Calculates the expected number of transactions in a given time period based on a customer's past transaction behavior and the GGompertz/NBD model parameters.

ggomnbd_nocov_CET

Conditional Expected Transactions without covariates

ggomnbd_staticcov_CET

Conditional Expected Transactions with static covariates

ggomnbd_nocov_CET(r, alpha_0, b, s, beta_0, dPeriods, vX, vT_x, vT_cal)

ggomnbd_staticcov_CET(
  r,
  alpha_0,
  b,
  s,
  beta_0,
  dPeriods,
  vX,
  vT_x,
  vT_cal,
  vCovParams_trans,
  vCovParams_life,
  mCov_life,
  mCov_trans
)

Arguments

r

shape parameter of the Gamma distribution of the purchase process. The smaller r, the stronger the heterogeneity of the purchase process.

alpha_0

scale parameter of the Gamma distribution of the purchase process.

b

scale parameter of the Gompertz distribution (constant across customers)

s

shape parameter of the Gamma distribution for the lifetime process The smaller s, the stronger the heterogeneity of customer lifetimes.

beta_0

scale parameter for the Gamma distribution for the lifetime process

dPeriods

number of periods to predict

vX

Frequency vector of length n counting the numbers of purchases.

vT_x

Recency vector of length n.

vT_cal

Vector of length n indicating the total number of periods of observation.

vCovParams_trans

Vector of estimated parameters for the transaction covariates.

vCovParams_life

Vector of estimated parameters for the lifetime covariates.

mCov_life

Matrix containing the covariates data affecting the lifetime process. One column for each covariate.

mCov_trans

Matrix containing the covariates data affecting the transaction process. One column for each covariate.

Value

Returns a vector containing the conditional expected transactions for the existing customers in the GGompertz/NBD model.

Details

mCov_trans is a matrix containing the covariates data of the time-invariant covariates that affect the transaction process. Each column represents a different covariate. For every column a gamma parameter needs to added to vCovParams_trans at the respective position.
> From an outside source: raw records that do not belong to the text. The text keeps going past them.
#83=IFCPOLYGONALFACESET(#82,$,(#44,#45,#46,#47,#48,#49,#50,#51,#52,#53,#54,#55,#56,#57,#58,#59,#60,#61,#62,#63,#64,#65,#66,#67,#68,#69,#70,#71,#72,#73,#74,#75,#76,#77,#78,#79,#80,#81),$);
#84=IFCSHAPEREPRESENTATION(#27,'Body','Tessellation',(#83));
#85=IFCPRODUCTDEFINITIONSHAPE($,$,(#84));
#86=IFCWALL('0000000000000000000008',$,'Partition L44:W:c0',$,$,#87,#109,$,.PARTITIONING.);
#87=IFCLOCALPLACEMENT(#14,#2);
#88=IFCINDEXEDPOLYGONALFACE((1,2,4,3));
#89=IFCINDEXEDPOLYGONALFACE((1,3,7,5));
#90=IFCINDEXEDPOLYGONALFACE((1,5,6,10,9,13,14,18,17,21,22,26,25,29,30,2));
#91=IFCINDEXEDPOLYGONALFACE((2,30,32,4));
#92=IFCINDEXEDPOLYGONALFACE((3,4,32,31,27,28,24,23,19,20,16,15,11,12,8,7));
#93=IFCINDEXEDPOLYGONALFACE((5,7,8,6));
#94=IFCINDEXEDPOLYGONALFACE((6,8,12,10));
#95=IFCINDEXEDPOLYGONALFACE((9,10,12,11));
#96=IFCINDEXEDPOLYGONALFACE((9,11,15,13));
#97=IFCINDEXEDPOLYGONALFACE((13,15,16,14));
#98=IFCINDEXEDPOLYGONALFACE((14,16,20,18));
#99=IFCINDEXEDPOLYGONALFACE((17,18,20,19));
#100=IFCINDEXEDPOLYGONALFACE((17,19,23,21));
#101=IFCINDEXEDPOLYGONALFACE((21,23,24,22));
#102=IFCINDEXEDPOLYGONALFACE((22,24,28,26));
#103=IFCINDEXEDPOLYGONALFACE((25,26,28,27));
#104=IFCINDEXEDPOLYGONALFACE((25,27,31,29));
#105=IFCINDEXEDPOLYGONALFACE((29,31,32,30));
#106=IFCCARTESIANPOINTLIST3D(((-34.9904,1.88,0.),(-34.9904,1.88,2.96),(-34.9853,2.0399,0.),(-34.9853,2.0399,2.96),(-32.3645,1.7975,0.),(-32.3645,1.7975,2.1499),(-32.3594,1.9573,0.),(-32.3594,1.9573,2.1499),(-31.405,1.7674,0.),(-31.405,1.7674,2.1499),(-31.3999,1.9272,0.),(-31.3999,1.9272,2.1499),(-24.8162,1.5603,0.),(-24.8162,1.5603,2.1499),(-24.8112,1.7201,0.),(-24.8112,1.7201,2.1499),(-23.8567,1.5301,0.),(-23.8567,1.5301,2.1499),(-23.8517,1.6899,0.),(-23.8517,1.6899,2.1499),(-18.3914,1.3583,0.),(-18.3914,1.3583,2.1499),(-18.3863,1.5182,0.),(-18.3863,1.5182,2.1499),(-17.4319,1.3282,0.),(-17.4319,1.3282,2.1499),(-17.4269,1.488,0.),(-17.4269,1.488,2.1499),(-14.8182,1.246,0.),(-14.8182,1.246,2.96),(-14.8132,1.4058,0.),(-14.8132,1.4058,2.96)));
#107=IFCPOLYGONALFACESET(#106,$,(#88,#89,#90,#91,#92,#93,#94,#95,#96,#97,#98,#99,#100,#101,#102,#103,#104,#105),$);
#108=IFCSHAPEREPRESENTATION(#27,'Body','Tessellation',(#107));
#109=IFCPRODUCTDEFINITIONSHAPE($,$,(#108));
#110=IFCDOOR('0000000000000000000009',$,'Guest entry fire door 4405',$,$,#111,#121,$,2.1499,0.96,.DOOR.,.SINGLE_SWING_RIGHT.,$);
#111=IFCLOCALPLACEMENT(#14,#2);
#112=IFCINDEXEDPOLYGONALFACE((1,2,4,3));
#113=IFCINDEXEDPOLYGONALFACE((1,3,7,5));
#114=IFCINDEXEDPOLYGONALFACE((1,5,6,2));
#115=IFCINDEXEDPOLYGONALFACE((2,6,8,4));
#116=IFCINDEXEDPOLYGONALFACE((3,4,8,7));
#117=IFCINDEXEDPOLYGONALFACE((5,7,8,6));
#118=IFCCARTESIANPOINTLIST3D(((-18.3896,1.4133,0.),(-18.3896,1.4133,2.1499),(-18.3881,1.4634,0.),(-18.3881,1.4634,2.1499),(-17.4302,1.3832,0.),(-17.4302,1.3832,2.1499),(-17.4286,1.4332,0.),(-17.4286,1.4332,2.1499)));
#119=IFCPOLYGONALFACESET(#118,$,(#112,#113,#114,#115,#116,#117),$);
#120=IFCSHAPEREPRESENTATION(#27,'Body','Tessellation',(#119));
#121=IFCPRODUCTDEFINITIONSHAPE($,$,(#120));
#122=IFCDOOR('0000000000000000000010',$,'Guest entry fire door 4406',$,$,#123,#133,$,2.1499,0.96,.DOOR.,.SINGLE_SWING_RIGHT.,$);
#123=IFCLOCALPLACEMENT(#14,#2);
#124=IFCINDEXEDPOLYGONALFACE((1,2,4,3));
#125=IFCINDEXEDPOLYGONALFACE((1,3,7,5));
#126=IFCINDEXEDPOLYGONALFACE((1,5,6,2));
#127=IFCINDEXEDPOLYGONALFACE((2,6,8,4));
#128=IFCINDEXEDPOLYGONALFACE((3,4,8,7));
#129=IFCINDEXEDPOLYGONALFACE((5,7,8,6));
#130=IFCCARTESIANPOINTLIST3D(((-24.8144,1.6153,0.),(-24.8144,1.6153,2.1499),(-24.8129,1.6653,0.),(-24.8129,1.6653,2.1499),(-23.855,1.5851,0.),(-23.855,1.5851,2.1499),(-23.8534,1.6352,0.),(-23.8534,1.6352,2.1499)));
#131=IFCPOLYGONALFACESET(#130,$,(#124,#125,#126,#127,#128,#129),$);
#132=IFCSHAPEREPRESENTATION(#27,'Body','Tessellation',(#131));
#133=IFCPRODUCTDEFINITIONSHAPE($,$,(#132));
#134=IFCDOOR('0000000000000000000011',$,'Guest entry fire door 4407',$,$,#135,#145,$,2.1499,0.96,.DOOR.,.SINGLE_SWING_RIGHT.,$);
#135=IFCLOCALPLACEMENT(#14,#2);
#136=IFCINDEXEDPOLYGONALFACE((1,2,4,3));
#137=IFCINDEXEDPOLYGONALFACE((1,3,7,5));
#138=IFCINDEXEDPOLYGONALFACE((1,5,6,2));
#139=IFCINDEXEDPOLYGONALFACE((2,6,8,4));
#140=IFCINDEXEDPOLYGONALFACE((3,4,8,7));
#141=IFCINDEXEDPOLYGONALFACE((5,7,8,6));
mCov_life is a matrix containing the covariates data of the time-invariant covariates that affect the lifetime process. Each column represents a different covariate. For every column a gamma parameter needs to added to vCovParams_life at the respective position.

References

Bemmaor AC, Glady N (2012). “Modeling Purchasing Behavior with Sudden “Death”: A Flexible Customer Lifetime Model” Management Science, 58(5), 1012-1021.